In  un recente rapporto segreto della Nestlé pubblicato da Wikileaks, la multinazionale rimarca che se non cambiamo le nostre abitudini alimentari, gli esseri umani potrebbero esaurire tutte le risorse di acqua potabile del pianeta entro il 2050. 
Nonostante l’allarme  lanciato sul problema da istituzioni di alto livello come la Fao, Kip Andersen, ambientalista e regista indaga nel suo documentario Cowspiracy sul perchè le associazioni ambientaliste tutto sommato ignorino gli effetti  dell’industria “più distruttiva del pianeta” con il risultato di far mancare uno stimolo importante per influenzare le politiche dei governi.

Vytenis Andriukaitis ha recentemente condannato senza mezzi termini il fenomeno degli sprechi alimentari e annunciato che verranno inserite delle linee guida ad hoc per l’UE nel pacchetto di misure per l’economia circolare che si discuterà a Bruxelles nei prossimi mesi.
I 28 Paesi membri dell’Unione secondo i dati forniti dal commissario sprecano alimenti per circa 100 milioni di tonnellate ogni anno. Le contromisure prese dai paesi membri in ordine sparso e spesso legate ad iniziative isolate (come la legge anti-spreco varata dal parlamento francese) non sono sufficienti.

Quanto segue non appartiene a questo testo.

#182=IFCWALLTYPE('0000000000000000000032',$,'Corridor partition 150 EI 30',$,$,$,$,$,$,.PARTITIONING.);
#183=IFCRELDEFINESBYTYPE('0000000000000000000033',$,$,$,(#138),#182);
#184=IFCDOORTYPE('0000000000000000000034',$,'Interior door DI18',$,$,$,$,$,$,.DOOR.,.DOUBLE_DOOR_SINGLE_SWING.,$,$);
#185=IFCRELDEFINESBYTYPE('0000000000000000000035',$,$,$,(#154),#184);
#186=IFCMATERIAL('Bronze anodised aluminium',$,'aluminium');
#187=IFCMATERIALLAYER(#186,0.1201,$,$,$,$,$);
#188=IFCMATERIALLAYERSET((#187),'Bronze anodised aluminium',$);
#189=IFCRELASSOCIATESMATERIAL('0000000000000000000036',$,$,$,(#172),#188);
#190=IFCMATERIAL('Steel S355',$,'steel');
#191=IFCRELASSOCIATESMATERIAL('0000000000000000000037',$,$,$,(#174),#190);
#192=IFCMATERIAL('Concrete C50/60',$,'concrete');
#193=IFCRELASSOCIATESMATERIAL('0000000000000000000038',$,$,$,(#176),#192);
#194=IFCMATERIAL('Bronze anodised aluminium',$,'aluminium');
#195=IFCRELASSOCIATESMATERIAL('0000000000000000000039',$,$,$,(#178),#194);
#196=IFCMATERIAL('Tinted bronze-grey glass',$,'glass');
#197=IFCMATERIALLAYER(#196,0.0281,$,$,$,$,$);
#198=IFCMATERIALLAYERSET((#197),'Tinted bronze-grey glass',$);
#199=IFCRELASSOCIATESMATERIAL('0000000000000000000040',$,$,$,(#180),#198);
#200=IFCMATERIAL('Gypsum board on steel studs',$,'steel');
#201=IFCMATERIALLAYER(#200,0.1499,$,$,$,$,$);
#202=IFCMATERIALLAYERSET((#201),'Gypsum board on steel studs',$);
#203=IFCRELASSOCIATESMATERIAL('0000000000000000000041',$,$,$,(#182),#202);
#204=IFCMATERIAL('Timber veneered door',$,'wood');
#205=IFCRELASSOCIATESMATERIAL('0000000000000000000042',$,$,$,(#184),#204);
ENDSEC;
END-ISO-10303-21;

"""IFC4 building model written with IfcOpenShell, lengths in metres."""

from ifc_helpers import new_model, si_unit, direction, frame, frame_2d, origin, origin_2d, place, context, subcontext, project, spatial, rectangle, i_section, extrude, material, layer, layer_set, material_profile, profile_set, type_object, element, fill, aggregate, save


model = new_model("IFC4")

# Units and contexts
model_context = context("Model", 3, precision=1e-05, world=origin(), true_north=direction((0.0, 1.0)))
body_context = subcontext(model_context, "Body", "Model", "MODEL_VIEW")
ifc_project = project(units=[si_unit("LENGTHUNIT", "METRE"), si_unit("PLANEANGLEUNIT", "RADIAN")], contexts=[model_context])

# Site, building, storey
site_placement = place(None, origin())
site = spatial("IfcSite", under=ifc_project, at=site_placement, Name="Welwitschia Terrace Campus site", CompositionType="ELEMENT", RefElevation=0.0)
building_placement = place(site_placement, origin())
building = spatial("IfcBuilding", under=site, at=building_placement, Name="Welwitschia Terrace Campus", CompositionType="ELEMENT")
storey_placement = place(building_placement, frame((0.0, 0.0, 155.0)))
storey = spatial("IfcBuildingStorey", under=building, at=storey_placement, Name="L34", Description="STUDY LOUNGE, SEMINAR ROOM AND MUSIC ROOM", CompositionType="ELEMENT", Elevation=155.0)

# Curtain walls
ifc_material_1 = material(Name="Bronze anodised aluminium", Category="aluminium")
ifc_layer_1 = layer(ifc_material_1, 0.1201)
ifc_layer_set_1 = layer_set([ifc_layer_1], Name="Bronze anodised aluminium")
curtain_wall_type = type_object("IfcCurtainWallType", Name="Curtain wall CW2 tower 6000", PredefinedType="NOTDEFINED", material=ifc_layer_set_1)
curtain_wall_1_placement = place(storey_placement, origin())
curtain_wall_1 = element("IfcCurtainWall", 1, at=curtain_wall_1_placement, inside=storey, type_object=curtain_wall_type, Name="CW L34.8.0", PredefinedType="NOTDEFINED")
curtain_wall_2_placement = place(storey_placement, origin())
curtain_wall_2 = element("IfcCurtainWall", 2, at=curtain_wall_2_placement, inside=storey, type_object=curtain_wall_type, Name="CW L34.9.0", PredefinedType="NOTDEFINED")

L’obiettivo di dimezzare lo spreco alimentare entro il 2030 che rientra nel secondo dei 17 SDGs ( Sustainable Development Goals) approvati dalle Nazioni Unite per i prossimi 15 anni, può essere raggiunto solamente attraverso interventi articolati e coordinati lungo tutta la filiera alimentare: dalla raccolta nei campi ai vari passaggi successivi della catena di produzione e distribuzione sino ad arrivare alla dimensione domestica.

INIZIATIVE ANTI SPRECO
Diverse iniziative europee mirate a ridurre lo spreco di cibo -a cura di vari soggetti- hanno affrontato negli ultimi anni alcune delle fasi in cui avviene lo spreco alimentare: dal campo all’utente finale. Al tempo stesso, oltre ad aver dichiarato il 2014 come l’anno europeo contro lo spreco alimentare, c’è stato un susseguirsi di convegni e sottoscrizione di protocolli e alleanze.
Ciò nonostante i rifiuti alimentari crescono in modo drammatico e continuano ad essere un problema irrisolto.
Sarà interessante poter verificare se i provvedimenti contenuti nella legge francese contro lo spreco alimentare riusciranno a contrastare l’odiosa pratica giornaliera   che si verifica nella maggior parte dei punti vendita della piccola e grande distribuzione che buttano alimenti ancora edibili. Un’analisi appena compiuta da IPLA sui rifiuti alimentari conferiti ad un impianto di compostaggio nel vercellese ha rilevato che quasi la metà, proveniente da supermercati,  costituita da latticini, ortofrutta e prodotti da forno poteva essere recuperata. Se una maggiore attenzione ai rifiuti alimentari è da ritenersi positiva, per vincere la battaglia contro lo spreco alimentare serve andare oltre cambiando anche l’approccio metodologico e concettuale sin qui adottato.